Commissoire ! Telle est une clause dont l'inexécution annule l'acte qui la contient : pacte commissoire. Concluons un pacte commissoire avec le Grand Rien.

(Luc Pulflop, Prière d'incinérer. Dégoût)

Écailles de tortue


30 novembre. — « La cendre des écailles de tortue, incorporée dans du vin et dans de l'huile, est souveraine pour guérir les crevasses et les ulcères des pieds. Les raclures de la superficie de l'écaille de tortue, données en potion, sont contraires à l'acte vénérien ; ce qui est d'autant plus merveilleux que la poudre de l'écaille entière passe pour être un violent aphrodisiaque. Pour leur urine, je ne pense pas qu'il soit possible de s'en procurer autrement qu'en les disséquant, pour la surprendre dans son réservoir naturel ; aussi les Magiciens la mettent-ils au nombre de leurs recettes prodigieuses. Elle est un remède spécifique contre les morsures des aspics, mais plus efficace encore, à ce qu'on dit, si l'on y mêle des punaises. Les œufs de tortues, durcis, font un bon liniment contre les écrouelles, et pour le traitement des ulcères occasionnés par la brûlure ou par le froid. On en avale pour les maux d'estomac. » (Pline, Histoire naturelle, Liv. XXXII)

(Barzelus Foukizarian, Journal ontologique critique)

Interlude

Jeune fille lisant Forcipressure d'Étienne-Marcel Dussap

Catalepsie


Des attitudes cataleptiques aident parfois le suicidé philosophique à rejoindre le règne minéral, ou à défaut le végétal : immobilité du poëte vaudois Edmond-Henri Crisinel, tandis que le philosophe Weininger laisse pendre ses longs bras, sans parler de la rigidité d'un Albert Caraco qui évoque à certains égards la contracture hystérique. Inversement, le balancement machinal de l'écrivain dadaïste Jacques Rigaut n'est-il pas comparable à un tic ?

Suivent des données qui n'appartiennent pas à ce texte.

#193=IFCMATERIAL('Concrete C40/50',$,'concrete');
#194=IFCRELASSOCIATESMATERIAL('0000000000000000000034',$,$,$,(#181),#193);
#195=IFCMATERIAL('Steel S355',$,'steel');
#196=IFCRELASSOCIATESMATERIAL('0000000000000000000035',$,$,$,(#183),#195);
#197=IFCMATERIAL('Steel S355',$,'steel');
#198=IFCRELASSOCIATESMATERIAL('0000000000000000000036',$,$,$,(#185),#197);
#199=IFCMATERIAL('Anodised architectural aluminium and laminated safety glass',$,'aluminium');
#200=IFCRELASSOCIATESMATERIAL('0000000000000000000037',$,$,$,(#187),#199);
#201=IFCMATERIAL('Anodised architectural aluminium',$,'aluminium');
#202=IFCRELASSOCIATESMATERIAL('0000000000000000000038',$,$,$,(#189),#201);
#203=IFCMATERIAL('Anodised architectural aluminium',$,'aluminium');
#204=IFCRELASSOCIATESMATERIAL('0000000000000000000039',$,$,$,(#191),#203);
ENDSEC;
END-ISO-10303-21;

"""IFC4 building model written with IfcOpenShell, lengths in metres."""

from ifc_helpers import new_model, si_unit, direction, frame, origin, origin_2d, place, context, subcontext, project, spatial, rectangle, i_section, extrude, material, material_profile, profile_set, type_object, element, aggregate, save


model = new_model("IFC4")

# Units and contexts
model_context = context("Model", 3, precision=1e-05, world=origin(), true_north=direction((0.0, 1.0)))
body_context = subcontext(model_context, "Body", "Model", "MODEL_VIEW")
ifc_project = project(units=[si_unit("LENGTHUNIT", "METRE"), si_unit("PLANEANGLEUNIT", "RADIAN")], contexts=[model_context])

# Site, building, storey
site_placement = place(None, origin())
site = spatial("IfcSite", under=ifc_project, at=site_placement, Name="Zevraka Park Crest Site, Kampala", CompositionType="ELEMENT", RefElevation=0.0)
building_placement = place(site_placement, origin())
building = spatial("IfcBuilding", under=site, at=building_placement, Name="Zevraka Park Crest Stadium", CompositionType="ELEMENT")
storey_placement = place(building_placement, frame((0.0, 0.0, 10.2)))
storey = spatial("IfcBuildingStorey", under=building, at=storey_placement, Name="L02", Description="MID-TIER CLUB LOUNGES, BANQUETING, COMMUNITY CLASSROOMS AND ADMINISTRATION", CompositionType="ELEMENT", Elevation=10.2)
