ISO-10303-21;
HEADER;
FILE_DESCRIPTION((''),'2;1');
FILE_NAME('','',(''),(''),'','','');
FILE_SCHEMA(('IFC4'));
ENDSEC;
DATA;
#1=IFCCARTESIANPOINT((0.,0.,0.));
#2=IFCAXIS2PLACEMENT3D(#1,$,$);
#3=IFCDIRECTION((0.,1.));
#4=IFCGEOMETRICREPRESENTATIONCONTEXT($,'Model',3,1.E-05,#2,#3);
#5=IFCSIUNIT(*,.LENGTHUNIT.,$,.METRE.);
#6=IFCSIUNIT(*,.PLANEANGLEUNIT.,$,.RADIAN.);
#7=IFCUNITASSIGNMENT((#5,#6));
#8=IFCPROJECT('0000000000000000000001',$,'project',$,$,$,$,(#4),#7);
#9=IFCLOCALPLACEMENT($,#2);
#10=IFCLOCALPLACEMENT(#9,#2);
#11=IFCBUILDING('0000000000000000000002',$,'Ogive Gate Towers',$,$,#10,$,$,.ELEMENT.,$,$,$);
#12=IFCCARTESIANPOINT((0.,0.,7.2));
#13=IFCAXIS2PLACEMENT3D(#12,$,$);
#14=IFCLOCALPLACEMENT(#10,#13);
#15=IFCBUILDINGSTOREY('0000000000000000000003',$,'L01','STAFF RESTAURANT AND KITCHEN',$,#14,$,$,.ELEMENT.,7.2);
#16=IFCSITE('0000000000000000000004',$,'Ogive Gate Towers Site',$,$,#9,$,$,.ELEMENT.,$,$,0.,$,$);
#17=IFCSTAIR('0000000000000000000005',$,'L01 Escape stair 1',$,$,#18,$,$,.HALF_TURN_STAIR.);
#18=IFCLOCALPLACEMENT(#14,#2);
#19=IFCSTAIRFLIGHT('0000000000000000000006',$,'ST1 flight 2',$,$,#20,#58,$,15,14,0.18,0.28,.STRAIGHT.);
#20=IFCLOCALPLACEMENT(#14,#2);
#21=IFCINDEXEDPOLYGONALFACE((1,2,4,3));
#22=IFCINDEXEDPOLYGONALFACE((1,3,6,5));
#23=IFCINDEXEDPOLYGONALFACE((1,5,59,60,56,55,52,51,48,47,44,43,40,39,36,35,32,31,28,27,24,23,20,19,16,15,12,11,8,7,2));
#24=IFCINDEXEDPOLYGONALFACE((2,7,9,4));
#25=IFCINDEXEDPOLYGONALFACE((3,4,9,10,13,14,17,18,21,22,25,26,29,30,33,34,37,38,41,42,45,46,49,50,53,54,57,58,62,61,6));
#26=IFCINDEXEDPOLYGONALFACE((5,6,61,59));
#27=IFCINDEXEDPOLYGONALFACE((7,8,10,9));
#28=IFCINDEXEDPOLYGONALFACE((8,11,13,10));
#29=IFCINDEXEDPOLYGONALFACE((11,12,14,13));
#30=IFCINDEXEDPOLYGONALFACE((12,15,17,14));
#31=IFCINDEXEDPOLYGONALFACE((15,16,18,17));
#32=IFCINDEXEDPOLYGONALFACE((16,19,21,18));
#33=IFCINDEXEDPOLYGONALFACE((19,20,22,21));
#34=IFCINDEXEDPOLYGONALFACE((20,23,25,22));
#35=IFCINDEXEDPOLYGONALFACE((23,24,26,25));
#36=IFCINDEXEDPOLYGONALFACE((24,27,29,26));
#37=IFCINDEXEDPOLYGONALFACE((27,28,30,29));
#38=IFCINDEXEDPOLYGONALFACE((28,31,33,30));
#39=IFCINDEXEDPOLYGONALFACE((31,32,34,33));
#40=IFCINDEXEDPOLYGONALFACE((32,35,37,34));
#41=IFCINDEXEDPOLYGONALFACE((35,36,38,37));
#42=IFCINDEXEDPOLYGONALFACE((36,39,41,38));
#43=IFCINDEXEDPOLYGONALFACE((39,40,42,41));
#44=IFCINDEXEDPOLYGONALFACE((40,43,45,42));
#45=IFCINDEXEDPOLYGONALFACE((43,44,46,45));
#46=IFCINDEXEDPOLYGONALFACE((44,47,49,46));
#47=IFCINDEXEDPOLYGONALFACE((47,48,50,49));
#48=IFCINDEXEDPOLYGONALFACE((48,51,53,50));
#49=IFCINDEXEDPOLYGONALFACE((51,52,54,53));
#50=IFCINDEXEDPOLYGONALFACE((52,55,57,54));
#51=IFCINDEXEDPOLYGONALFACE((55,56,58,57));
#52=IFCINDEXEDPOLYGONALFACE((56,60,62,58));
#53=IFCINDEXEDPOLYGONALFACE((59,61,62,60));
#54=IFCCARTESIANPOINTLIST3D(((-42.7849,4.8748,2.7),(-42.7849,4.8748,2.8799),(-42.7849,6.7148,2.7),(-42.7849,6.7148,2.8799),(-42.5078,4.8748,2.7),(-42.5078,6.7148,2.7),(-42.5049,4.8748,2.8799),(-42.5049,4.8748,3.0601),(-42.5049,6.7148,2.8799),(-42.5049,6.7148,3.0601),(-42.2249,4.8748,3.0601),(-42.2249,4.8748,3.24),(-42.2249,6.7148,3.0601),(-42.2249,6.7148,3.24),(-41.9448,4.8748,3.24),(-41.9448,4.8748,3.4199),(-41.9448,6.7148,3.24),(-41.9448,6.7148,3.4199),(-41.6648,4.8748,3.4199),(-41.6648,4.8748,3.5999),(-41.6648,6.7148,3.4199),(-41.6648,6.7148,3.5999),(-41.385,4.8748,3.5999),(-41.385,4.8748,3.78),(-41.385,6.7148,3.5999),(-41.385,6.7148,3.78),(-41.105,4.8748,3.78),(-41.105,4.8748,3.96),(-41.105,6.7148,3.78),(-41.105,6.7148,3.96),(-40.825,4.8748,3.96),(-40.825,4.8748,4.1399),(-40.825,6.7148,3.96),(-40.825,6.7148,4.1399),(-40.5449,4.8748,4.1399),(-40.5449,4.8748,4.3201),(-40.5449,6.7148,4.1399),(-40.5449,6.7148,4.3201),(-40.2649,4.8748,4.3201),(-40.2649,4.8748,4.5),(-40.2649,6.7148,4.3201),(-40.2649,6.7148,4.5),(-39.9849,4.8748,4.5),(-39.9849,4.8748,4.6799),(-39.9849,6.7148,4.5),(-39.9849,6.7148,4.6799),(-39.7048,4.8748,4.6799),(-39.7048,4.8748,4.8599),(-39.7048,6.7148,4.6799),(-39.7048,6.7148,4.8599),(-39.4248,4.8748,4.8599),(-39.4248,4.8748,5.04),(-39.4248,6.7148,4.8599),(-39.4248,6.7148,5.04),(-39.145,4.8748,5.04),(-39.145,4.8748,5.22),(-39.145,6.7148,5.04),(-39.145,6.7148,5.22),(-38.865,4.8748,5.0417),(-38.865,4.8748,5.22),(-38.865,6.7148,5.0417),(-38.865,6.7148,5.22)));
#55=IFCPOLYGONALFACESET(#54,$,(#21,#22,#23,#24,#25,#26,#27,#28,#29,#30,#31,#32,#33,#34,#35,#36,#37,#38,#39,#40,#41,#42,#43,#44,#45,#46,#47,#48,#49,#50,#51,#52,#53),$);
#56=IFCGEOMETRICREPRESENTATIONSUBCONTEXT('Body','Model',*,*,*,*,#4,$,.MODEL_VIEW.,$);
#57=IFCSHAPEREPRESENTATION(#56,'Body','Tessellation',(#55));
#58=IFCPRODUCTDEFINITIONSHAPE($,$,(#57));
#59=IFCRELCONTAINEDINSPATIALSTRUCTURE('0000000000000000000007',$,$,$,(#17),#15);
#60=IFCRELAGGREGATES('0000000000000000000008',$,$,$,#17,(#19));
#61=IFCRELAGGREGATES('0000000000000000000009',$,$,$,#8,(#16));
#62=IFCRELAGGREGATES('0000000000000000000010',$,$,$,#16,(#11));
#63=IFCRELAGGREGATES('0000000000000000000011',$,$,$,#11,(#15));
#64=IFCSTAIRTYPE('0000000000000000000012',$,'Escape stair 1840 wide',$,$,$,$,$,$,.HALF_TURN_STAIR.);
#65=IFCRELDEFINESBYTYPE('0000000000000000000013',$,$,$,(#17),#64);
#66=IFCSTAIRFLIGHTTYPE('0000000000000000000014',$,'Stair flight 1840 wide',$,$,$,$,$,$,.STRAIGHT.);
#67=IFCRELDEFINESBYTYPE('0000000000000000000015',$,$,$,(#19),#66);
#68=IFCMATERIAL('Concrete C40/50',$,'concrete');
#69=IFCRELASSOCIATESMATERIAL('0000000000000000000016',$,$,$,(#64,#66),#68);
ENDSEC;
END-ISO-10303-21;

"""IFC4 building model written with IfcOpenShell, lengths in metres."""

from ifc_helpers import new_model, si_unit, direction, frame, origin, place, context, subcontext, project, spatial, polyline, outline, extrude, material, type_object, element, aggregate, save


model = new_model("IFC4")

# Units and contexts
model_context = context("Model", 3, precision=1e-05, world=origin(), true_north=direction((0.0, 1.0)))
body_context = subcontext(model_context, "Body", "Model", "MODEL_VIEW")
ifc_project = project(units=[si_unit("LENGTHUNIT", "METRE"), si_unit("PLANEANGLEUNIT", "RADIAN")], contexts=[model_context])

# Site, building, storey
site_placement = place(None, origin())
site = spatial("IfcSite", under=ifc_project, at=site_placement, Name="Ogive Gate Towers Site", CompositionType="ELEMENT", RefElevation=0.0)
building_placement = place(site_placement, origin())
building = spatial("IfcBuilding", under=site, at=building_placement, Name="Ogive Gate Towers", CompositionType="ELEMENT")
storey_placement = place(building_placement, frame((0.0, 0.0, 7.2)))
storey = spatial("IfcBuildingStorey", under=building, at=storey_placement, Name="L01", Description="STAFF RESTAURANT AND KITCHEN", CompositionType="ELEMENT", Elevation=7.2)

# Shared definitions
ifc_material_1 = material(Name="Concrete C40/50", Category="concrete")

# Stair, stair flight
stair_type = type_object("IfcStairType", Name="Escape stair 1840 wide", PredefinedType="HALF_TURN_STAIR", material=ifc_material_1)
stair_placement = place(storey_placement, origin())
stair = element("IfcStair", 1, at=stair_placement, inside=storey, type_object=stair_type, Name="L01 Escape stair 1", PredefinedType="HALF_TURN_STAIR")
stair_flight_type = type_object("IfcStairFlightType", Name="Stair flight 1840 wide", PredefinedType="STRAIGHT", material=ifc_material_1)
stair_flight_1_placement = place(storey_placement, frame((-42.7849, 5.7949, 2.7), z_axis=(0.0, 0.0, 1.0), x_axis=(1.0, 0.0, 0.0)))
stair_flight_1 = element("IfcStairFlight", 2, at=stair_flight_1_placement, type_object=stair_flight_type, Name="ST1 flight 2", NumberOfRisers=15, NumberOfTreads=14, PredefinedType="STRAIGHT", RiserHeight=0.18, TreadLength=0.28, context=body_context, shape_type="SweptSolid", body=[
    extrude(outline(polyline([(0.0, 0.0), (0.0, 0.1799), (0.28, 0.1799), (0.28, 0.3601), (0.5601, 0.3601), (0.5601, 0.54), (0.8401, 0.54), (0.8401, 0.72), (1.1201, 0.72), (1.1201, 0.8999), (1.3999, 0.8999), (1.3999, 1.0801), (1.6799, 1.0801), (1.6799, 1.26), (1.96, 1.26), (1.96, 1.4399), (2.24, 1.4399), (2.24, 1.6201), (2.52, 1.6201), (2.52, 1.8), (2.8, 1.8), (2.8, 1.98), (3.0801, 1.98), (3.0801, 2.1599), (3.3601, 2.1599), (3.3601, 2.3401), (3.6399, 2.3401), (3.6399, 2.52), (3.9199, 2.52), (3.9199, 2.7), (3.9199, 2.3418), (0.2771, 0.0), (0.0, 0.0)])), frame((0.0, 0.9199, 0.0), z_axis=(0.0, -1.0, 0.0), x_axis=(1.0, 0.0, 0.0)), (0.0, 0.0, 1.0), 1.8401),
])
aggregate(stair, [stair_flight_1])

save(model, "model.ifc")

(Théasar du Jin, Carnets du misanthrope)

lundi 28 janvier 2019

Baciccia


Baciccia se distingue par sa pénétration psychologique et un accent de cordialité qui révèle la familiarité du peintre avec le milieu papal.

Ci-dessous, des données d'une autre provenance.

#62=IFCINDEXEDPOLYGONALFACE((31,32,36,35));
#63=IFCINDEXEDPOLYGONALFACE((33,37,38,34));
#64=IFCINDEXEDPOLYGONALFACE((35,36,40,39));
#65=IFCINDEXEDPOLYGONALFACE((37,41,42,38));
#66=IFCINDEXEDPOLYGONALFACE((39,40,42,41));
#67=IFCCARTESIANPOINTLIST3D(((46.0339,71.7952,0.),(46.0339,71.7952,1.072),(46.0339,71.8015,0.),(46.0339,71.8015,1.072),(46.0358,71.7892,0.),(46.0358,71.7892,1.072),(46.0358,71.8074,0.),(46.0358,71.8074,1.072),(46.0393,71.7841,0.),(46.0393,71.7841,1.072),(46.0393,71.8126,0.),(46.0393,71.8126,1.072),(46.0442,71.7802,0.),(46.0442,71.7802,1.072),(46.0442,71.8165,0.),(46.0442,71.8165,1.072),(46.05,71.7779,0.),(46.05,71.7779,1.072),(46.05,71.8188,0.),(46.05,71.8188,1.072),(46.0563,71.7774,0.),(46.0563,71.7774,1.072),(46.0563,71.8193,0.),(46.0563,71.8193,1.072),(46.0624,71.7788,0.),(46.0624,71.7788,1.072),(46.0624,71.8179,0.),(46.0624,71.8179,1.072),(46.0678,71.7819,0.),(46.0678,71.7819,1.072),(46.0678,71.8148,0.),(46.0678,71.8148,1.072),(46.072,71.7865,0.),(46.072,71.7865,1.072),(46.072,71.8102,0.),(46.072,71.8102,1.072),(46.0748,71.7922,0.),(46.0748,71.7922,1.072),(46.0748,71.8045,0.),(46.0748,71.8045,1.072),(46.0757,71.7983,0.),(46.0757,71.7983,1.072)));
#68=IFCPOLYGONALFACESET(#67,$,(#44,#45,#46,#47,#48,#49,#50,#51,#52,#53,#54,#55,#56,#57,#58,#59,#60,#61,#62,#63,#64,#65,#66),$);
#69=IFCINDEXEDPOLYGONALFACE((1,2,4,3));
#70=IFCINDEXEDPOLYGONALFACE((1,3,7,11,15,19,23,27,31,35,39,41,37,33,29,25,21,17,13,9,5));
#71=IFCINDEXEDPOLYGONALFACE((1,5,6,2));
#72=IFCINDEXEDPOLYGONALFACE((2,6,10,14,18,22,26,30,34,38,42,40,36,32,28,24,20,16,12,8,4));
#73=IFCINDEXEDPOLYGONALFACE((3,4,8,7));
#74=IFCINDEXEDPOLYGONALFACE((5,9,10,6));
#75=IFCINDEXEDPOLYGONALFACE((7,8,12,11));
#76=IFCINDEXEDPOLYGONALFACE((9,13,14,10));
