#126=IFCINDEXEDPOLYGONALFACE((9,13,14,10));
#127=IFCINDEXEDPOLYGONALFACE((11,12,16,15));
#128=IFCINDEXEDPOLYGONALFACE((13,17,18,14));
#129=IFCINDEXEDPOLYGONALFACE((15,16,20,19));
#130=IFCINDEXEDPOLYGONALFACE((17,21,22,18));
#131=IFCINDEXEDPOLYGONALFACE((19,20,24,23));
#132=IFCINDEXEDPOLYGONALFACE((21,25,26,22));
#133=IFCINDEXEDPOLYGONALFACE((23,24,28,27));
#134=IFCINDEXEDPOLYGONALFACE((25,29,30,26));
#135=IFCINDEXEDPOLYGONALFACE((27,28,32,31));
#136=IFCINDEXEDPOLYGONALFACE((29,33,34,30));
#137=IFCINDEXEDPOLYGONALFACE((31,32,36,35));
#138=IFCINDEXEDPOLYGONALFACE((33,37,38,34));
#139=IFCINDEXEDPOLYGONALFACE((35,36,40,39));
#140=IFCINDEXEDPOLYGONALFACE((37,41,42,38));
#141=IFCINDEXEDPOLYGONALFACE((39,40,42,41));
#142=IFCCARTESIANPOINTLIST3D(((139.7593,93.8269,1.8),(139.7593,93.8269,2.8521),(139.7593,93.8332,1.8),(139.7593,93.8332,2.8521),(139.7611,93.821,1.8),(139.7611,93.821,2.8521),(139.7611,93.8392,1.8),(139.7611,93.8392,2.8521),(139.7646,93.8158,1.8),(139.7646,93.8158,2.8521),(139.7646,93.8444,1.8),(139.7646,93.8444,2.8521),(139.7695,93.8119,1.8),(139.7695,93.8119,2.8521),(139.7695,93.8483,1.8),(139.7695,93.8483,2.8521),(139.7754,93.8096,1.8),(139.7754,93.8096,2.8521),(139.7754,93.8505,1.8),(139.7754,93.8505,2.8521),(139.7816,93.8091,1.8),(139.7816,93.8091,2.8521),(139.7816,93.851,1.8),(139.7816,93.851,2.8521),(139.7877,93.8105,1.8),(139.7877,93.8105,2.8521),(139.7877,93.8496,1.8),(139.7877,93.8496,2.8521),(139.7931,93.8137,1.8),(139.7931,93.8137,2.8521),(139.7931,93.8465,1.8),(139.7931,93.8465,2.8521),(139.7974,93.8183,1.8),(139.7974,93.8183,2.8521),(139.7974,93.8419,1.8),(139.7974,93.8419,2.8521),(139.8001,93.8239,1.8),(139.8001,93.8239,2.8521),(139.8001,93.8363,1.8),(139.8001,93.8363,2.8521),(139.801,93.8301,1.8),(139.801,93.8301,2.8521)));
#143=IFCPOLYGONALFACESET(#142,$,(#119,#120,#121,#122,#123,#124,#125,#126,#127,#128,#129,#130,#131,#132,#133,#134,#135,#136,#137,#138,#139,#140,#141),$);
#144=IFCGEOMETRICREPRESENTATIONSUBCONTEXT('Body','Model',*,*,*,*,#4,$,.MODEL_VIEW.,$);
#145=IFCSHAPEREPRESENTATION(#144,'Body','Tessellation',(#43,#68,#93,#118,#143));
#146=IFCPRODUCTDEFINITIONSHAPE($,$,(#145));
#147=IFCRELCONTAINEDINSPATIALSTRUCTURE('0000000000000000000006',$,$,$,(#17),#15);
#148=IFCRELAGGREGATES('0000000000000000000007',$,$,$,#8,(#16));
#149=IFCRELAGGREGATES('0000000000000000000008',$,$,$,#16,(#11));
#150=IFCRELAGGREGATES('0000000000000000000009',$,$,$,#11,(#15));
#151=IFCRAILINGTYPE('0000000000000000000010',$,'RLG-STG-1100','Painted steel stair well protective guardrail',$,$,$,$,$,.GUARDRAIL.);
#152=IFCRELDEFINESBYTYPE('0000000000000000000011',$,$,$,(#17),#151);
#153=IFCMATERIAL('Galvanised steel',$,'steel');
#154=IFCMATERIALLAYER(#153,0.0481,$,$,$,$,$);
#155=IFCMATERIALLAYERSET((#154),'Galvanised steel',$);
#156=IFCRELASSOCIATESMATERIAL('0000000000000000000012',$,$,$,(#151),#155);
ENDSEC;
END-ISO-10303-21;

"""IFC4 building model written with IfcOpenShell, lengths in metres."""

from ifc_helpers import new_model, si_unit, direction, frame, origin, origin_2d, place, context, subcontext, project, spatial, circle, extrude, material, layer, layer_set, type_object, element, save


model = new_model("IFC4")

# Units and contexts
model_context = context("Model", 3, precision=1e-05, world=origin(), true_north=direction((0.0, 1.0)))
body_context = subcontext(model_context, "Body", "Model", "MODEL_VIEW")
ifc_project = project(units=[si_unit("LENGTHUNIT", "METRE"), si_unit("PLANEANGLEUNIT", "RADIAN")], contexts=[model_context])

(Luc Pulflop, Prière d'incinérer. Dégoût)

Os dans le pâté


16 décembre. — « Le problème avec les souvenirs, même agréables, c'est qu'il faut d'abord vivre les choses qu'ils remémorent. » (Edmond Chassagnol, Théorie du trop-plein) — Comme cela est vrai ! Ah ! mon père et ma mère, que je vous veux de mal !

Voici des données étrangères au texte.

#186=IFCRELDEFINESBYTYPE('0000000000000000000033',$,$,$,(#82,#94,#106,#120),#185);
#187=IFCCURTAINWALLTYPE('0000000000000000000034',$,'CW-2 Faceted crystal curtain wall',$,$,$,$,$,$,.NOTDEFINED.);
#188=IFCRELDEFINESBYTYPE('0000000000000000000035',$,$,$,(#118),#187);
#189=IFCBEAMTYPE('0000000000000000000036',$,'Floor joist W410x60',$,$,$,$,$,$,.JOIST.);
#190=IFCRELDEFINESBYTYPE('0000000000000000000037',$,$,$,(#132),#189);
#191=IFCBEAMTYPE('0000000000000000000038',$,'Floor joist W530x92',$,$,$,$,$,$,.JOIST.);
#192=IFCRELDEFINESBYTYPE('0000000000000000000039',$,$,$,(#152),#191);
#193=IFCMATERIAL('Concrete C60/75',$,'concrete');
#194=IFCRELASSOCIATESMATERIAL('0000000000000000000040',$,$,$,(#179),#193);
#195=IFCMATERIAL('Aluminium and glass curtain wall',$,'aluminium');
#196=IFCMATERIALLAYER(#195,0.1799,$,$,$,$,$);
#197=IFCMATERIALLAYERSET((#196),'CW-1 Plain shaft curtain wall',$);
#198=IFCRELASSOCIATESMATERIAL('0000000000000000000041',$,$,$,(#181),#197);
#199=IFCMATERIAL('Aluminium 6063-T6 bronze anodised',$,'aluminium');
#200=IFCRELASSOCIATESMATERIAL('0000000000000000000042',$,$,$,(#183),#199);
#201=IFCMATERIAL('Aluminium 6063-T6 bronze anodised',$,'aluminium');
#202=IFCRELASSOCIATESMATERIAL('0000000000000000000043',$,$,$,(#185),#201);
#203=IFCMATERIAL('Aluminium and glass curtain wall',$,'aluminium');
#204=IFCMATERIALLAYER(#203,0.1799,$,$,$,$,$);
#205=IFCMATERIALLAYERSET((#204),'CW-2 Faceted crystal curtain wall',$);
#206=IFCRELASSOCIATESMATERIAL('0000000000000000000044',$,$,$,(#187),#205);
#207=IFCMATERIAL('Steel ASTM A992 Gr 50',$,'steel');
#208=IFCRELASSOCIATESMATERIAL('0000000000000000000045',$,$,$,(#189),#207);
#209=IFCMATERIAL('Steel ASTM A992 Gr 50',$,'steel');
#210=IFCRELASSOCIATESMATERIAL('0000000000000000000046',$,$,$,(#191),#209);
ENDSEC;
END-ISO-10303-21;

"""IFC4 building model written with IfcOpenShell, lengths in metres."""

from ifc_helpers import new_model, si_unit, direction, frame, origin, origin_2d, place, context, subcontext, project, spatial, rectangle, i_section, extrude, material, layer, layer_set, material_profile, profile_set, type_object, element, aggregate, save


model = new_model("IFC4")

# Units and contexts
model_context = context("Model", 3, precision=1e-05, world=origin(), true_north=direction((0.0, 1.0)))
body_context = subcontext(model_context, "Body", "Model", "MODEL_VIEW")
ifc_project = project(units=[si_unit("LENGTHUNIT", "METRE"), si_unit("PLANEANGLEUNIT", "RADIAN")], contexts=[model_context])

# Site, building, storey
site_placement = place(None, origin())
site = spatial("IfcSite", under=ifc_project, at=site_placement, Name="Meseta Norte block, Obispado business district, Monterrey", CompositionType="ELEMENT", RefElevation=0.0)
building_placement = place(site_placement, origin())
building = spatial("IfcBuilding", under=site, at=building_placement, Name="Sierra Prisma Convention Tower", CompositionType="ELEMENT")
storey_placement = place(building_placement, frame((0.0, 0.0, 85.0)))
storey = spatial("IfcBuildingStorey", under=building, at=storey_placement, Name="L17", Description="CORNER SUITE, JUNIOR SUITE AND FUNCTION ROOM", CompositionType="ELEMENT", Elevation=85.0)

(Barzelus Foukizarian, Journal ontologique critique)

Interlude

Brigitte Bardot lisant l'Appel du nihil de Martial Pollosson

Vieille feuille


À force d'acharnement, la jankélévitchienne « temporalité du temps » finit par donner au Dasein des allures de vieille feuille. « On ne saurait mieux marquer le caractère foncièrement déficient, tourné vers l'immobilité et le retour à l'inorganique, qui me paraît l'essentiel de ce processus mortel qu'on nomme la vie », note à ce sujet Gragerfis dans son Journal d'un cénobite mondain.

(Théasar du Jin, Carnets du misanthrope)

Hommes d'action


L'angoisse de la mort ne hante pas les cervelles rubéfiées des bipèdes agissants.

(Luc Pulflop, Prière d'incinérer. Dégoût)

Taiseux


23 novembre. — « Passalorhynchites. Hérétiques du onzième siècle, qui suivaient les erreurs de Montan, et faisaient consister toute la perfection du vrai chrétien à garder le silence. Les Passalorhynchites se fondaient, pour ne point parler, sur les paroles du psaume 140, "Pone, Domine, custodiam ori meo & ostium circumstanciæ labiis meis" : Mettez, Seigneur, une garde à ma bouche, & une porte de circonspection à mes lèvres. En conséquence de la fausse interprétation qu'ils donnaient à ce passage, on les voyait toujours un doigt devant leur nez, pour se fermer la bouche et témoigner, par là, une extrême application pendant leurs prières ; mais ces hypocrites ne se permettaient pas moins en secret les crimes les plus abominables. » (Jean-Pierre Costard, Dictionnaire universel, historique et critique des mœurs, tome troisième, Paris, J.-P. Costard, 1772)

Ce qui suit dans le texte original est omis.